My first year of college I took a course in Arthurian literature. There were fewer than ten of us in the class. After a couple months of smothering our brains in downy volumes of medieval and Gothic-revival romances our professor experienced (or manufactured for our benefit) a crisis of conscience. Why of all things, he asked us, should we waste our time with books like these? When it comes down to it, why read fiction at all? Aren’t books irrelevant? Isn’t the world simply exploding with more serious concerns?
That was 1991. It hadn’t been long since the fall of the Berlin wall, the Soviet Union was just loping off the stage, and Nelson Mandela was free in South Africa. The world as we and our parents had known it was ceasing to be. These were times historians called “momentous” – and had we really shut ourselves indoors to read Chrétien de Troyes and Malory? Our professor, being a wise man, assigned Cervantes for the rest of the course and invited us to feel ourselves on Rocinante’s bony back.
Twenty years later we appear to be in something like momentous times again. Certainly they’re momentous for those engaged in the recent uprisings in Iran, Tunisia, Egypt, and other places. What with the 2001 terrorist attacks in New York, the launch of one – or should I say two – wars of questionable wisdom, the collapse of the world economy, and natural disasters in Haiti and Indonesia that have produced human suffering on a scale to dwarf even Voltaire’s Lisbon earthquake, the past decade has felt uncomfortably momentous.
I confess to occasional pangs of conscience when I switch off the radio or set the virtual newspaper aside with a sigh to pick up a book. I feel a twinge of something like guilt when I decline to inform myself further on the goings-on of the world at large and turn instead to the endless revision of my novel or to writing a brief nothing about a clever passage from Stendhal. I hear the question again: Isn’t the world simply exploding with more serious concerns?

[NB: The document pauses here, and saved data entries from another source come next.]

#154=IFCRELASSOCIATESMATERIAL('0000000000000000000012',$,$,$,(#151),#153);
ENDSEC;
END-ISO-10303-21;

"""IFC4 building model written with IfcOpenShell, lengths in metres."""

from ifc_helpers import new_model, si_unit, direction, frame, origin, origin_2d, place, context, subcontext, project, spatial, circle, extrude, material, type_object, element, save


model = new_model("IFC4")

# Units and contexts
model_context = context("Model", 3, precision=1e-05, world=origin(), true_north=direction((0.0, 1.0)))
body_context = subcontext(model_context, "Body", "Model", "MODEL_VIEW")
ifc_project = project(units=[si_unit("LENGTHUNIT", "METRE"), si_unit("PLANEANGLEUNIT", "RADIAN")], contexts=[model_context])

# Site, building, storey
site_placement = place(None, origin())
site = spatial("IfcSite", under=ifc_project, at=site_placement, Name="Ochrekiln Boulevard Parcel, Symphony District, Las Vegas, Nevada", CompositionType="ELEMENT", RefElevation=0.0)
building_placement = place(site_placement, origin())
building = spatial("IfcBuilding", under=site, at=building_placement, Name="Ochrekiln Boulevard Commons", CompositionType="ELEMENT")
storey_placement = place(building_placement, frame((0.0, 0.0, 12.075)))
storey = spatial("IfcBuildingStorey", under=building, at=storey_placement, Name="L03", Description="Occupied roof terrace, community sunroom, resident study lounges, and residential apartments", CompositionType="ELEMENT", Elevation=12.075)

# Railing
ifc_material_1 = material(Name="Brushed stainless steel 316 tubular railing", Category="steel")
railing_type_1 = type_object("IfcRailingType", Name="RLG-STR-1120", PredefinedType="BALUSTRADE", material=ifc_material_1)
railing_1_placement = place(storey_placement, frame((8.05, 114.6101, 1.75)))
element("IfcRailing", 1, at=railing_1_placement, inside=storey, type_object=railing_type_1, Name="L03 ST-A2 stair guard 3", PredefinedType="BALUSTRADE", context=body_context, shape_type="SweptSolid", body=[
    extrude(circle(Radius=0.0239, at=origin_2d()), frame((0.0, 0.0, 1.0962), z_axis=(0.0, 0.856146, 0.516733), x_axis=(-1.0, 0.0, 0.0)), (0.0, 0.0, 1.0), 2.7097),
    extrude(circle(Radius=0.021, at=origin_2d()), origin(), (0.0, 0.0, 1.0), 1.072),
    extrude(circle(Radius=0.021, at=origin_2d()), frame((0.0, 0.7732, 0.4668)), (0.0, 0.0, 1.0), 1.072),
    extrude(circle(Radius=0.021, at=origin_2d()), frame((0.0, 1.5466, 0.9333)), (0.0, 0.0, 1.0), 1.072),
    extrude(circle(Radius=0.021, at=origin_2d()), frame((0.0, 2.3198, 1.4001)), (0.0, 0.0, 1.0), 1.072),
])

The answer is, Yes… And then again, No.
I don’t want to make a lofty defense of bookwormism. Long-winded and complicated apologies rarely convince anyone that doesn’t already share the apologist’s own sympathies. I know that I’m an obsessive person and in certain respects not very representative of my species, most of whom have more balanced personalities and interests than I do. With shockingly few exceptions, the only things I really care about in this world are books: so of course I’m going to find ways of justifying myself to myself.

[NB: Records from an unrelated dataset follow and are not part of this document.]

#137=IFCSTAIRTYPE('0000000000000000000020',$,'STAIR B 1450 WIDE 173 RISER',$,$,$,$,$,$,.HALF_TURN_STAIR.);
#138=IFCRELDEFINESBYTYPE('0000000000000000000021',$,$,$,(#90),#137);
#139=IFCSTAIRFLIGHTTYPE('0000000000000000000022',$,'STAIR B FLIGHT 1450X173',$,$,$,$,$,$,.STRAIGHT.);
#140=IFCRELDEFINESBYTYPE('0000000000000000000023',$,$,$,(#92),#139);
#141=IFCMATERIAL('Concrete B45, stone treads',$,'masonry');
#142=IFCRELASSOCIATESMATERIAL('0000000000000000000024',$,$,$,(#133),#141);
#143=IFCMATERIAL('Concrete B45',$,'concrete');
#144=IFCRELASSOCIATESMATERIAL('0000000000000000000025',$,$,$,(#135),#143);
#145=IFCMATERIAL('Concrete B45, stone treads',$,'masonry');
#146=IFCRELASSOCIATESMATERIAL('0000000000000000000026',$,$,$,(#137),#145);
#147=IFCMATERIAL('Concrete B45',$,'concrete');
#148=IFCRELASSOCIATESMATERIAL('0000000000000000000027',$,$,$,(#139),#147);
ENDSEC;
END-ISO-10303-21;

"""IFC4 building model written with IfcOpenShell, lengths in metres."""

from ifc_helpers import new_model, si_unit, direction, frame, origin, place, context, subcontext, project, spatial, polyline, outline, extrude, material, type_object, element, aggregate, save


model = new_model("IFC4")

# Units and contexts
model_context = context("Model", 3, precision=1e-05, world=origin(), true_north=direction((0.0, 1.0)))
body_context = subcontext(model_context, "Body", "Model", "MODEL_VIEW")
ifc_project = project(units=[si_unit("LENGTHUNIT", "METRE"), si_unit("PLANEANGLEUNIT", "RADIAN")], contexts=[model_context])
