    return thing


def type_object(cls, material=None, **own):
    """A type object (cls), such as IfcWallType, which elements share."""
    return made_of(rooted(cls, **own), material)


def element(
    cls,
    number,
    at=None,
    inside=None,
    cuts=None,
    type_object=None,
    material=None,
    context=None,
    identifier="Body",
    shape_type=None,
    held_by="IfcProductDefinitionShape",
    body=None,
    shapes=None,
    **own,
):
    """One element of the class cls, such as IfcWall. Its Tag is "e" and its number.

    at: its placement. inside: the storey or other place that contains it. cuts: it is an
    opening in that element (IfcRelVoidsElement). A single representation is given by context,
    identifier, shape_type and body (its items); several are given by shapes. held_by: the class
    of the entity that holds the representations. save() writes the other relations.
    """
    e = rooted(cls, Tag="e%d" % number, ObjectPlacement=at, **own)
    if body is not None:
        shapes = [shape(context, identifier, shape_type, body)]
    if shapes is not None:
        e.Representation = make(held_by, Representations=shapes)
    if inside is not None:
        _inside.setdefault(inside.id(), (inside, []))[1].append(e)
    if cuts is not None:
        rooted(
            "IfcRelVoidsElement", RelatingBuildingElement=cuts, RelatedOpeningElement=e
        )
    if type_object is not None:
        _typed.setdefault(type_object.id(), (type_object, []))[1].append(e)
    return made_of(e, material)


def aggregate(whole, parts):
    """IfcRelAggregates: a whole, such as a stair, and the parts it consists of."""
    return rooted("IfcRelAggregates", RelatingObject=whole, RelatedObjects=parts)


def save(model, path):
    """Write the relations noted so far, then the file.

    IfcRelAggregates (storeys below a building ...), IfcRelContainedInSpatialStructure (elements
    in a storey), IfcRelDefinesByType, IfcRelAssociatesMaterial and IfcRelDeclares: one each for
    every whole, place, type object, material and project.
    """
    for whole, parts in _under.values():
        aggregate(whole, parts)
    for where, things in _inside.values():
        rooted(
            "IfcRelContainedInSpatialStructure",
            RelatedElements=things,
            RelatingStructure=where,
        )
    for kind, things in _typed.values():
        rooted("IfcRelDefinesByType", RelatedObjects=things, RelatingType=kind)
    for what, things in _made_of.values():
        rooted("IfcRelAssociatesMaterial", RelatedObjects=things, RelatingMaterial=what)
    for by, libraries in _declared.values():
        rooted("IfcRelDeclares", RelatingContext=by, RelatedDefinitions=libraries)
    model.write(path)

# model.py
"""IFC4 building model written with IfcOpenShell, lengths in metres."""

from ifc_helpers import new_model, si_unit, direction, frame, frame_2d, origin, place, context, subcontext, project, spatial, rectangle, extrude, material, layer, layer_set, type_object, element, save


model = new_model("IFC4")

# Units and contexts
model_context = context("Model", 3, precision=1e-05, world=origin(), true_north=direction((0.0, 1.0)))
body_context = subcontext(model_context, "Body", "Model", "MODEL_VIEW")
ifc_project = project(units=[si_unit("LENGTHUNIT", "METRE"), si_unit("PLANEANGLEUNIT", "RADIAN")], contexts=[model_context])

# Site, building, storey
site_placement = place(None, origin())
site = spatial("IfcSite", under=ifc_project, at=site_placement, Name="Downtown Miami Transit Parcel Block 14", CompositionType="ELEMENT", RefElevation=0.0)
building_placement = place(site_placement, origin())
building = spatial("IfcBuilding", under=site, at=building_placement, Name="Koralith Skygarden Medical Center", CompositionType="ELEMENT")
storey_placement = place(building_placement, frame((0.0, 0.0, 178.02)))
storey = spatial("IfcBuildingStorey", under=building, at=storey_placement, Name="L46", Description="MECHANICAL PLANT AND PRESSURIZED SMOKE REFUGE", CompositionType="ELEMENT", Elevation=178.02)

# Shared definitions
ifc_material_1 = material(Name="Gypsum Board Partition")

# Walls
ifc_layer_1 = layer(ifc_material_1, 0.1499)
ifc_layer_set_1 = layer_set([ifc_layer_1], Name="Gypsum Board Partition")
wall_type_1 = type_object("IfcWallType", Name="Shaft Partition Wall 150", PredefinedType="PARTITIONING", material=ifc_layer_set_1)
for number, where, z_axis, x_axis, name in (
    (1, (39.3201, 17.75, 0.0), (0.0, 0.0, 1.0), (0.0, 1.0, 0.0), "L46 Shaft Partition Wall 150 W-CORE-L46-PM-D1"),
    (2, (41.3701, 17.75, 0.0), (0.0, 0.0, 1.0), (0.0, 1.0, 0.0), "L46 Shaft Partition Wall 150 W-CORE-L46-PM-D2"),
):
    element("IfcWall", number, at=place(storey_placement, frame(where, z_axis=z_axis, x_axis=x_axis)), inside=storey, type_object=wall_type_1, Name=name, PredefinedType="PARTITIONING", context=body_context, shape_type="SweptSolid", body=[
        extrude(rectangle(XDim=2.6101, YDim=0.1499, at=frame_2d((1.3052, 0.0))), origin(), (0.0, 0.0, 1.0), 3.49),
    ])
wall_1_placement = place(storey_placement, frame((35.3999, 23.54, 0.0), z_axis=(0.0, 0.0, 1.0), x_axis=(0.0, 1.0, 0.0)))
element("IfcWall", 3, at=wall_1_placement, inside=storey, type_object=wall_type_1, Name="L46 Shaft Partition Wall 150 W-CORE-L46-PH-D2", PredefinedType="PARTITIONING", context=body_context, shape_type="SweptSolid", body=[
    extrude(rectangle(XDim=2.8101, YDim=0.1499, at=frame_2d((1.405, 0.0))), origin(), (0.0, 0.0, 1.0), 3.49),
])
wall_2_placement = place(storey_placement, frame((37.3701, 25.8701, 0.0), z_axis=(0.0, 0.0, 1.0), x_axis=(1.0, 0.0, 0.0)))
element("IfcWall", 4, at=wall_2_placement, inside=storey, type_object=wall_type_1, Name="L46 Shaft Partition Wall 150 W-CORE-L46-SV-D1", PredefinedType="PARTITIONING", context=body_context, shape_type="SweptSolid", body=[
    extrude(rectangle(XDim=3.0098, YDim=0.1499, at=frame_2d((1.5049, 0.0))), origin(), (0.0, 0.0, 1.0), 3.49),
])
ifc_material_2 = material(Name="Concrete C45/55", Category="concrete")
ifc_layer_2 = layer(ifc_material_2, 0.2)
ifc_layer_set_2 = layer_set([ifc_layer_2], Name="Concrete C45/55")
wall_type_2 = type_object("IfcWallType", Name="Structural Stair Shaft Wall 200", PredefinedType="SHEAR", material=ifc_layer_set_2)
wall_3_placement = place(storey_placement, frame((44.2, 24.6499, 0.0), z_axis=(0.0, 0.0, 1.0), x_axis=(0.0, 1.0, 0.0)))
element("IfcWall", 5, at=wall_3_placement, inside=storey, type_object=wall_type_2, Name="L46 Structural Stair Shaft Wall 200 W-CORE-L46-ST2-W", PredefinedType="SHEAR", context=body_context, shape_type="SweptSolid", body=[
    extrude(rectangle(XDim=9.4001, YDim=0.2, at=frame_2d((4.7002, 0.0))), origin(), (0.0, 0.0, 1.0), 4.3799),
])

Even so, I do want to suggest – meekly, cautiously – that being human means something more than politics or economics or geology or weather. Of course it may, and frequently does, mean these things too. But where human experience overflows the bounds of outward necessities, there art and culture are found. Literature, as the art and culture of words, is an attempt to enjoy and account for and preserve that excess. I hope you’ll agree with me that it’s sometimes life’s excesses that are most precious, most irreplaceable.
Reading a book is a human encounter. Reading well is not an escape but a shared search for answers to questions that are sometimes obvious, sometimes sensed only with gloved hands in a dark room. I like to think that when politics and economics and geology and weather conspire to murder and oppress, picking up a book can be a way of giving a damn. I may be a fool – maybe I’m still bouncing on Rocinante’s back – but I like to believe that reading is a form of solidarity. We read for ourselves, but we read for each other too.